Fat suppression is commonly used in magnetic resonance (MR) imaging to suppress the signal from adipose tissue or detect adipose tissue.

It can be applied to both T1 and T2 weighted sequences.

Due to short relaxation times, fat has a high signal on magnetic resonance images (MRI). This high signal, easily recognised on MRI, may be useful to characterise a lesion.

However, small amounts of lipids are more difficult to detect on conventional MRI. In addition, the high signal due to fat may be responsible for artifacts such as ghosting and chemical shift.
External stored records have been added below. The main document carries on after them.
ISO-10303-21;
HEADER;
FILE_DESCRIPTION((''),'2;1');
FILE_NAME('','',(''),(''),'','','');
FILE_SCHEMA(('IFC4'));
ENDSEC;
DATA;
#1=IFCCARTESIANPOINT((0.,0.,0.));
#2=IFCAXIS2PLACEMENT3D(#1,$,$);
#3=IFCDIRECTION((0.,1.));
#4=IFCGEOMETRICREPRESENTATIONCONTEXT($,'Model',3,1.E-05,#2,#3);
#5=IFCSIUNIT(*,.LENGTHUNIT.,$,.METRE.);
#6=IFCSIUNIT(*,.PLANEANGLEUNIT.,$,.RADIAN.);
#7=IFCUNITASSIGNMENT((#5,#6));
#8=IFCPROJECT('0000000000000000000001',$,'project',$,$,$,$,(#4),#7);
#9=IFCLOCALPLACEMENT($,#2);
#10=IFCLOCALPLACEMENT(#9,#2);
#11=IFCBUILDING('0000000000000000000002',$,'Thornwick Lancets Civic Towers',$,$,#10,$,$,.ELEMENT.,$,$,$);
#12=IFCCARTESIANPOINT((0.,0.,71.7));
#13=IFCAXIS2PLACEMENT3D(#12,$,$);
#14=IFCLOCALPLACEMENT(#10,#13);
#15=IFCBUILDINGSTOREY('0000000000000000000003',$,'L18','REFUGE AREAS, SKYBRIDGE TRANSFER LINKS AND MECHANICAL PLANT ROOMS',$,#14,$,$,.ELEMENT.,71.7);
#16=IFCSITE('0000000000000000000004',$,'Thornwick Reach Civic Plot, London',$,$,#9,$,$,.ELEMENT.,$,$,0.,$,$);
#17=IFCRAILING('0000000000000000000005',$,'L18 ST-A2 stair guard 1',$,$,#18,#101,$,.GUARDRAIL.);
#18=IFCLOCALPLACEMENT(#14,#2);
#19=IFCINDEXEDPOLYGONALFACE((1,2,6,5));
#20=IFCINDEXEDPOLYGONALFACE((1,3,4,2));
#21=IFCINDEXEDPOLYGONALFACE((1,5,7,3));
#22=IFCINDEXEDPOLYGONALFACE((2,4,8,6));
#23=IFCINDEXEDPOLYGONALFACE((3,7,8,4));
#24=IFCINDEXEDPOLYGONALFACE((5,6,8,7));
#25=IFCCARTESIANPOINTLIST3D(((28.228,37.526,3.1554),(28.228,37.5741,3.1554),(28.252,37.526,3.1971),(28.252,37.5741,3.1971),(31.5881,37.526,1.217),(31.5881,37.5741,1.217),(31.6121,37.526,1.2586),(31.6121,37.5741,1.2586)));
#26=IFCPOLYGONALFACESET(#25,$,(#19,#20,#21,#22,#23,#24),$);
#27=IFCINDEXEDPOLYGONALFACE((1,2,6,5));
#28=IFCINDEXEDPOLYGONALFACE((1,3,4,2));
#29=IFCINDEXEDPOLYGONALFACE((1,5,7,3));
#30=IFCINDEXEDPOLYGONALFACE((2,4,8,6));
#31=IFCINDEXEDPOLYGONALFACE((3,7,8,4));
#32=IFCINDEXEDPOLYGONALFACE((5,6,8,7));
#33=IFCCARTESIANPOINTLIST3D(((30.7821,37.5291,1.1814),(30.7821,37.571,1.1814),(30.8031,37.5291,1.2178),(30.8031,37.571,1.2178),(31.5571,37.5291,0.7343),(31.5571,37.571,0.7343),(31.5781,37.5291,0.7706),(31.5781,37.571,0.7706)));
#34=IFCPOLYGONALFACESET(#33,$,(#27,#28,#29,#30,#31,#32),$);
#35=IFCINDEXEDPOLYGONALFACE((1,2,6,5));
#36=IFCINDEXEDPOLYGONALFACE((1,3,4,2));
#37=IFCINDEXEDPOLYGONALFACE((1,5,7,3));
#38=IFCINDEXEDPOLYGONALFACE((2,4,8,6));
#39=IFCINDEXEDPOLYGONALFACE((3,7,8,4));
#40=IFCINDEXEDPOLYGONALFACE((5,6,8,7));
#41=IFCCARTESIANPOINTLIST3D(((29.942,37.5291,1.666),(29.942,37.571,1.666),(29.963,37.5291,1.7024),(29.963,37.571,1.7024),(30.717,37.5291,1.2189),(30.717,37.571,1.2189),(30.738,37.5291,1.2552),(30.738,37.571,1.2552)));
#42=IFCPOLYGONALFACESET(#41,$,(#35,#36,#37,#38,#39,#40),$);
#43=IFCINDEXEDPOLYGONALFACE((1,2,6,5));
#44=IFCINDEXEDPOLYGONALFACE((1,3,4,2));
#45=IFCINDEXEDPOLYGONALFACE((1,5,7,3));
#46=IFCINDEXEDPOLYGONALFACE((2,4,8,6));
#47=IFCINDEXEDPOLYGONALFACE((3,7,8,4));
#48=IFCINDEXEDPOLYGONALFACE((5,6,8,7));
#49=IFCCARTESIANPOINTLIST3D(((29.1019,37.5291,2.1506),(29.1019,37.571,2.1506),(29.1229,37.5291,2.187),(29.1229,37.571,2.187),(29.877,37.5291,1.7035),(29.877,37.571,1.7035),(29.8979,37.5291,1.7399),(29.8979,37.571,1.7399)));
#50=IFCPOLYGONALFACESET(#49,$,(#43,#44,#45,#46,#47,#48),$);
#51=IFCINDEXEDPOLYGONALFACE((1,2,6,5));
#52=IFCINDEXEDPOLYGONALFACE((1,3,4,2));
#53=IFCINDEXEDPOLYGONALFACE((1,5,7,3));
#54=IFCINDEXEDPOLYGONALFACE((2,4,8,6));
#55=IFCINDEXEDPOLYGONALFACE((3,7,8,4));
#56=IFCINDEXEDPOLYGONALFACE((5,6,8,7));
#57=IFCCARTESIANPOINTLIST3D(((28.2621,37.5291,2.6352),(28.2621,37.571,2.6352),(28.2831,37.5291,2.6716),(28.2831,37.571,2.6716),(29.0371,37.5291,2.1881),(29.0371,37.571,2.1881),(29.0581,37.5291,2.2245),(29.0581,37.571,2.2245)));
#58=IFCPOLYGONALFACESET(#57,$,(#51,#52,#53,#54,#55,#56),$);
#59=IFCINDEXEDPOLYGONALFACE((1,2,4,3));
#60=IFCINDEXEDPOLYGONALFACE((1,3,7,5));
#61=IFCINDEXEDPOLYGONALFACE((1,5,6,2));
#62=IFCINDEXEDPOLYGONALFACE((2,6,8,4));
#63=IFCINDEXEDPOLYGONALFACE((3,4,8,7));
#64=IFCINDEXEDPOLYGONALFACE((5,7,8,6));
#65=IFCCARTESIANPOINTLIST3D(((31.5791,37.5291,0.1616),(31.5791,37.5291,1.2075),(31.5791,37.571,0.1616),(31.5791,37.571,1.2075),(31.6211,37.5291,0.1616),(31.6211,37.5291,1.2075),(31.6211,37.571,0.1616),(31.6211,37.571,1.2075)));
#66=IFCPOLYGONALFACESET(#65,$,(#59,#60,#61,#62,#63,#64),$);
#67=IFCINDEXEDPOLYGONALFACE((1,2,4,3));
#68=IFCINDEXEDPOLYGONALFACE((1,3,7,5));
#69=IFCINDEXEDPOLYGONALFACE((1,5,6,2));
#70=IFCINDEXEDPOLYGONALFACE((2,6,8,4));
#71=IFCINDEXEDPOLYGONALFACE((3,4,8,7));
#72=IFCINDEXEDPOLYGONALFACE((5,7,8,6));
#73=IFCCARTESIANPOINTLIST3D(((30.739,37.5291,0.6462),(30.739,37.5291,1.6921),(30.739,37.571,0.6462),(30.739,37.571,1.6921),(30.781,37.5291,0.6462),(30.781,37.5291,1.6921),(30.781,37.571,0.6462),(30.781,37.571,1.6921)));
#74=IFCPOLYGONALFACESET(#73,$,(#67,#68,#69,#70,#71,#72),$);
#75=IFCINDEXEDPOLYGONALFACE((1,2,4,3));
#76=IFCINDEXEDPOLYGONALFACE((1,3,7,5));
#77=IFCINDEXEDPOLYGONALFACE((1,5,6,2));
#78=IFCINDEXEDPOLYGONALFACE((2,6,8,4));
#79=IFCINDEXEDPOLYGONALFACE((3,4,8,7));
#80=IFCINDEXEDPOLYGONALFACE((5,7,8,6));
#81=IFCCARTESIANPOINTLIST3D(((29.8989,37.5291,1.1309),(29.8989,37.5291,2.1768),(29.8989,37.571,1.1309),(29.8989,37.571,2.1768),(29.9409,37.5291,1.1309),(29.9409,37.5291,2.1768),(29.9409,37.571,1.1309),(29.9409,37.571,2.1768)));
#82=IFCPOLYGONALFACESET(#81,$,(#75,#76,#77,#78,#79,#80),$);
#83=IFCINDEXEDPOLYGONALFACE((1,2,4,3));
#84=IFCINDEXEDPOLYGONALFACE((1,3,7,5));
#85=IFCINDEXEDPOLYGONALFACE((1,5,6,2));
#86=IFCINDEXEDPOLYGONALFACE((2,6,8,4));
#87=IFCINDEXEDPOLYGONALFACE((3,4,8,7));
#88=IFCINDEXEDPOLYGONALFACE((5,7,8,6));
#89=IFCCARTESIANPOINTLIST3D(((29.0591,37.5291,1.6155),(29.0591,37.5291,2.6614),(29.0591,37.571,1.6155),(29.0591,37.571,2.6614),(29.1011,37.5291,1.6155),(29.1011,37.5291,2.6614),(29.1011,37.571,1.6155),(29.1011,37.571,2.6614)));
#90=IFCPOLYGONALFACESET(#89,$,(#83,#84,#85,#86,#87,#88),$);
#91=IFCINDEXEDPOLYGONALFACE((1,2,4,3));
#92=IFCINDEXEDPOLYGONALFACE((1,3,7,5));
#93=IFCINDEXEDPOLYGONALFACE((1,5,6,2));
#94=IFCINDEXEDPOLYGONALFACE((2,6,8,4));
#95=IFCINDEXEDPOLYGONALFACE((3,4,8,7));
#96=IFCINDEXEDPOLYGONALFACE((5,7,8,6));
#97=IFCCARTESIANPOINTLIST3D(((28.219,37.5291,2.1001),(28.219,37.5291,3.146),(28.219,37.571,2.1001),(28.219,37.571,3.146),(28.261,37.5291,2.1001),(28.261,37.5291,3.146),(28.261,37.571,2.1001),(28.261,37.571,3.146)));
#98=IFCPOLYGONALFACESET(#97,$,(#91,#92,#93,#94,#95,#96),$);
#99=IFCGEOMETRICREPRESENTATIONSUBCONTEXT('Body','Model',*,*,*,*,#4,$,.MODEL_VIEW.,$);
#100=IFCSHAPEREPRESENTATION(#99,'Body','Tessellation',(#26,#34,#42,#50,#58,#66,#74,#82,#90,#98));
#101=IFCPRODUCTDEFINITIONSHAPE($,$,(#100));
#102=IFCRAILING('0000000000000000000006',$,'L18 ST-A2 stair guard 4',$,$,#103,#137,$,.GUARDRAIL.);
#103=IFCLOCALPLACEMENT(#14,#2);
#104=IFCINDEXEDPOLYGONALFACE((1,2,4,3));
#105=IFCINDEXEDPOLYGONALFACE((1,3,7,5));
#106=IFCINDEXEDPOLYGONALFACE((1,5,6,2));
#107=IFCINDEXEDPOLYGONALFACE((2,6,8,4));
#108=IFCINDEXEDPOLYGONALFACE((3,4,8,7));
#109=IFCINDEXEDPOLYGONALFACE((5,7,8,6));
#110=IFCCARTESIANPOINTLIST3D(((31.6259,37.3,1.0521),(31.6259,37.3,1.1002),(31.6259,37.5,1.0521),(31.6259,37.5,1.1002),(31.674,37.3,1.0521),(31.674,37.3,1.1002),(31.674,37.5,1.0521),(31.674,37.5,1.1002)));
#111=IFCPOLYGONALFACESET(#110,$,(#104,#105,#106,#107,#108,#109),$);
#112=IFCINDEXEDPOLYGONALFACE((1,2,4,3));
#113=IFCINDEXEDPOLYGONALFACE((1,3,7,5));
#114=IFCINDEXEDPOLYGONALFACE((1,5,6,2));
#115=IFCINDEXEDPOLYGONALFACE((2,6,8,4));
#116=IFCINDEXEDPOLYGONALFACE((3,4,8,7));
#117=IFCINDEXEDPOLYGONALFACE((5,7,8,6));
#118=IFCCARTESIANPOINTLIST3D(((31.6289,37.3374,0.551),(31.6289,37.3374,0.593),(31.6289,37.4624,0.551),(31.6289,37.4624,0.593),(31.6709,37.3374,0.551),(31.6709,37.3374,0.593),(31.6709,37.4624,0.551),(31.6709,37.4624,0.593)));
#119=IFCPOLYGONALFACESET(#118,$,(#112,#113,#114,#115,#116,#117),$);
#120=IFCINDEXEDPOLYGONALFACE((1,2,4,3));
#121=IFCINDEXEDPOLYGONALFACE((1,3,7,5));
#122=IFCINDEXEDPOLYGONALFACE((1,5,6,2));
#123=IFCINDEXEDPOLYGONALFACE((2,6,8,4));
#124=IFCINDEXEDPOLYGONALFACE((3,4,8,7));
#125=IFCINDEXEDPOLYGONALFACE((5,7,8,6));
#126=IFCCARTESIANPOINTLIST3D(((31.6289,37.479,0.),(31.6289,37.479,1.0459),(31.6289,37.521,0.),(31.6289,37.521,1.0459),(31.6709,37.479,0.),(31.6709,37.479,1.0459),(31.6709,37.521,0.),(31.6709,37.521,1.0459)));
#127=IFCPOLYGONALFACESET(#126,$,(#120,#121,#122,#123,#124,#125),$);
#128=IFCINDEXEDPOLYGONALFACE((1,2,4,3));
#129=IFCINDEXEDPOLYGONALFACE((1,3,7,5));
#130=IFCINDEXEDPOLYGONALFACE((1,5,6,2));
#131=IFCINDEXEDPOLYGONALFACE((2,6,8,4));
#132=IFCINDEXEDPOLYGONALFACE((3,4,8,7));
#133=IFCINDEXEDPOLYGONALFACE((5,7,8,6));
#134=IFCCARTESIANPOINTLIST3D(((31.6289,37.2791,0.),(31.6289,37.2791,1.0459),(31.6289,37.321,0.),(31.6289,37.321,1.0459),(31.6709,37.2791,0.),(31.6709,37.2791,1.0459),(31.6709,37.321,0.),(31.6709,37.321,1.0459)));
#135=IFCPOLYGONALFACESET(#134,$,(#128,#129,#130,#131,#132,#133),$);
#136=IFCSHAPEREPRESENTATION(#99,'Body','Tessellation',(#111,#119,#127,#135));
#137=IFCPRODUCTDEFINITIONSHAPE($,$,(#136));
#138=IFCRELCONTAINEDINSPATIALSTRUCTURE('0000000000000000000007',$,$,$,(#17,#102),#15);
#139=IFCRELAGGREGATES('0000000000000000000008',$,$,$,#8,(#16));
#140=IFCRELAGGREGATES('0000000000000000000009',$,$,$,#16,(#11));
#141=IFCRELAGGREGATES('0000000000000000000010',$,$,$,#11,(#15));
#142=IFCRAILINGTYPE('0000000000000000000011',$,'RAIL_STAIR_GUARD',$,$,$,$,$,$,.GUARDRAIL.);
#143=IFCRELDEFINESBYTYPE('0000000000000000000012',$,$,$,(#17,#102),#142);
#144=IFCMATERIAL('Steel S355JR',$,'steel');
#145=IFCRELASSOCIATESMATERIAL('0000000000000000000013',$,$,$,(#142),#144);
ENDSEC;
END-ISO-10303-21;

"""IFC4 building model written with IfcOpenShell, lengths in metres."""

from ifc_helpers import new_model, si_unit, direction, frame, origin, origin_2d, place, context, subcontext, project, spatial, rectangle, extrude, material, type_object, element, save


model = new_model("IFC4")

# Units and contexts
model_context = context("Model", 3, precision=1e-05, world=origin(), true_north=direction((0.0, 1.0)))
body_context = subcontext(model_context, "Body", "Model", "MODEL_VIEW")
ifc_project = project(units=[si_unit("LENGTHUNIT", "METRE"), si_unit("PLANEANGLEUNIT", "RADIAN")], contexts=[model_context])

# Site, building, storey
site_placement = place(None, origin())
site = spatial("IfcSite", under=ifc_project, at=site_placement, Name="Thornwick Reach Civic Plot, London", CompositionType="ELEMENT", RefElevation=0.0)
building_placement = place(site_placement, origin())
building = spatial("IfcBuilding", under=site, at=building_placement, Name="Thornwick Lancets Civic Towers", CompositionType="ELEMENT")
storey_placement = place(building_placement, frame((0.0, 0.0, 71.7)))
storey = spatial("IfcBuildingStorey", under=building, at=storey_placement, Name="L18", Description="REFUGE AREAS, SKYBRIDGE TRANSFER LINKS AND MECHANICAL PLANT ROOMS", CompositionType="ELEMENT", Elevation=71.7)

# Railings
ifc_material_1 = material(Name="Steel S355JR", Category="steel")
railing_type_1 = type_object("IfcRailingType", Name="RAIL_STAIR_GUARD", PredefinedType="GUARDRAIL", material=ifc_material_1)
railing_1_placement = place(storey_placement, frame((31.6001, 37.55, 0.1616)))
element("IfcRailing", 1, at=railing_1_placement, inside=storey, type_object=railing_type_1, Name="L18 ST-A2 stair guard 1", PredefinedType="GUARDRAIL", context=body_context, shape_type="SweptSolid", body=[
    extrude(rectangle(XDim=0.0481, YDim=0.0481, at=origin_2d()), frame((0.0, 0.0, 1.0762), z_axis=(-0.866191, 0.0, 0.499713), x_axis=(0.0, -1.0, 0.0)), (0.0, 0.0, 1.0), 3.8792),
    extrude(rectangle(XDim=0.042, YDim=0.042, at=origin_2d()), frame((-0.0325, 0.0, 0.5908), z_axis=(-0.866191, 0.0, 0.499713), x_axis=(0.0, -1.0, 0.0)), (0.0, 0.0, 1.0), 0.8948),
The high signal can also mask subtle contrast difference in non-fatty tissue by filling the dynamic range of the receiver with mostly fat signal. Lastly, a contrast enhancing tumour may be hidden by the surrounding fat. These problems have prompted development of fat suppression techniques in MRI.

Fat suppression can be achieved in a number of different ways:

difference in resonance frequency with water by means of frequency selective pulses (CHESS)
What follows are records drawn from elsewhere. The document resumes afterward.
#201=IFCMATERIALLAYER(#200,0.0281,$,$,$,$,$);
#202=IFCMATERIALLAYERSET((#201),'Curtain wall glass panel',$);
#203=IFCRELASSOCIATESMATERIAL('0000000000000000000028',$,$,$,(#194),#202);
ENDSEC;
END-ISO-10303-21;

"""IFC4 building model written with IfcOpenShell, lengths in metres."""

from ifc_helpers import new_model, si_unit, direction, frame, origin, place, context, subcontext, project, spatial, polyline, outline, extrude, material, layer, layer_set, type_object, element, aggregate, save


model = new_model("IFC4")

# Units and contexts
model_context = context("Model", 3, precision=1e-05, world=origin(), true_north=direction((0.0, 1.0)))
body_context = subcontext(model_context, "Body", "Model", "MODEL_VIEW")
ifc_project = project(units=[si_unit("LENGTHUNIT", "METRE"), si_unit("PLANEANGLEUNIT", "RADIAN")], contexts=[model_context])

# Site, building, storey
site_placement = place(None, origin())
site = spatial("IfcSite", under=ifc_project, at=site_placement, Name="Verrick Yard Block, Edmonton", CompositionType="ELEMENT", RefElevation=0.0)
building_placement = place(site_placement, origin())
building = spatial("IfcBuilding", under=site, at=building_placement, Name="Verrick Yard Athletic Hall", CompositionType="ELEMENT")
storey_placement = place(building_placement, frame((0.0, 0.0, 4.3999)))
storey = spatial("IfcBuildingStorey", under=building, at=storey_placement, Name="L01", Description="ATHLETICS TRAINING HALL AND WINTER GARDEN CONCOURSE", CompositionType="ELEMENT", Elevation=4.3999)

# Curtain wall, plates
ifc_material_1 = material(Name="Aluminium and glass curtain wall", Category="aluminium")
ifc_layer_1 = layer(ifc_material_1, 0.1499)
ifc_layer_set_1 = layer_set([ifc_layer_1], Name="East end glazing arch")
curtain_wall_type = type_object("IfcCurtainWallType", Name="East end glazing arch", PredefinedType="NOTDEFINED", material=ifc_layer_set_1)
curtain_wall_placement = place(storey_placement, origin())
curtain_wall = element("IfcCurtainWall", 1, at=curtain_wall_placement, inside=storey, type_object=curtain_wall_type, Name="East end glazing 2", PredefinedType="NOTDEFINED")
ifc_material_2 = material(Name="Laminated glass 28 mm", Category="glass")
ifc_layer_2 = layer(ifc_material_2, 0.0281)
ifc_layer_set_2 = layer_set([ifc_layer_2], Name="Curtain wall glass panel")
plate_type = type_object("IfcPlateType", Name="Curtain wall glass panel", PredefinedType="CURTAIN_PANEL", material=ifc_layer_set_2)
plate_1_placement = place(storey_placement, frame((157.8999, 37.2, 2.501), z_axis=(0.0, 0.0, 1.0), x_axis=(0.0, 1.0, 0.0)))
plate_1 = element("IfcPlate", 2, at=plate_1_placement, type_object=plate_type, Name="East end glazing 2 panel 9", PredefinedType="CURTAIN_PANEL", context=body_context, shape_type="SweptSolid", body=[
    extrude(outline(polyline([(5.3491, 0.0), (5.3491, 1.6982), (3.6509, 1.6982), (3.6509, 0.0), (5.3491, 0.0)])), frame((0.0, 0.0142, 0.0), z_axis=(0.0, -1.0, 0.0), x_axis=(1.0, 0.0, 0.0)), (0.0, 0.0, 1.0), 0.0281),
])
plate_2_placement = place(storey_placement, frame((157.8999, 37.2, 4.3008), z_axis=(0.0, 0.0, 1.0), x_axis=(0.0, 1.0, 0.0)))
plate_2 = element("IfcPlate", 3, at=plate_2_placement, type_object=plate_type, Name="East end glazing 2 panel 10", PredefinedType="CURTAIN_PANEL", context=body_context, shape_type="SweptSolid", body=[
phase contrast techniques (by same mechanism as black boundary or india ink artifacts)

short T1 relaxation time by means of inversion recovery sequences (STIR technique)

Dixon method

hybrid techniques combining several of these fat suppression techniques such as SPIR (spectral presaturation with inversion recovery)

Selection of a fat suppression technique should depend on the purpose of the fat suppression (contrast enhancement vs. tissue characterisation) and the amount of fat in the tissue being studied, the field strength of the magnet and the homogeneity of the main magnetic field.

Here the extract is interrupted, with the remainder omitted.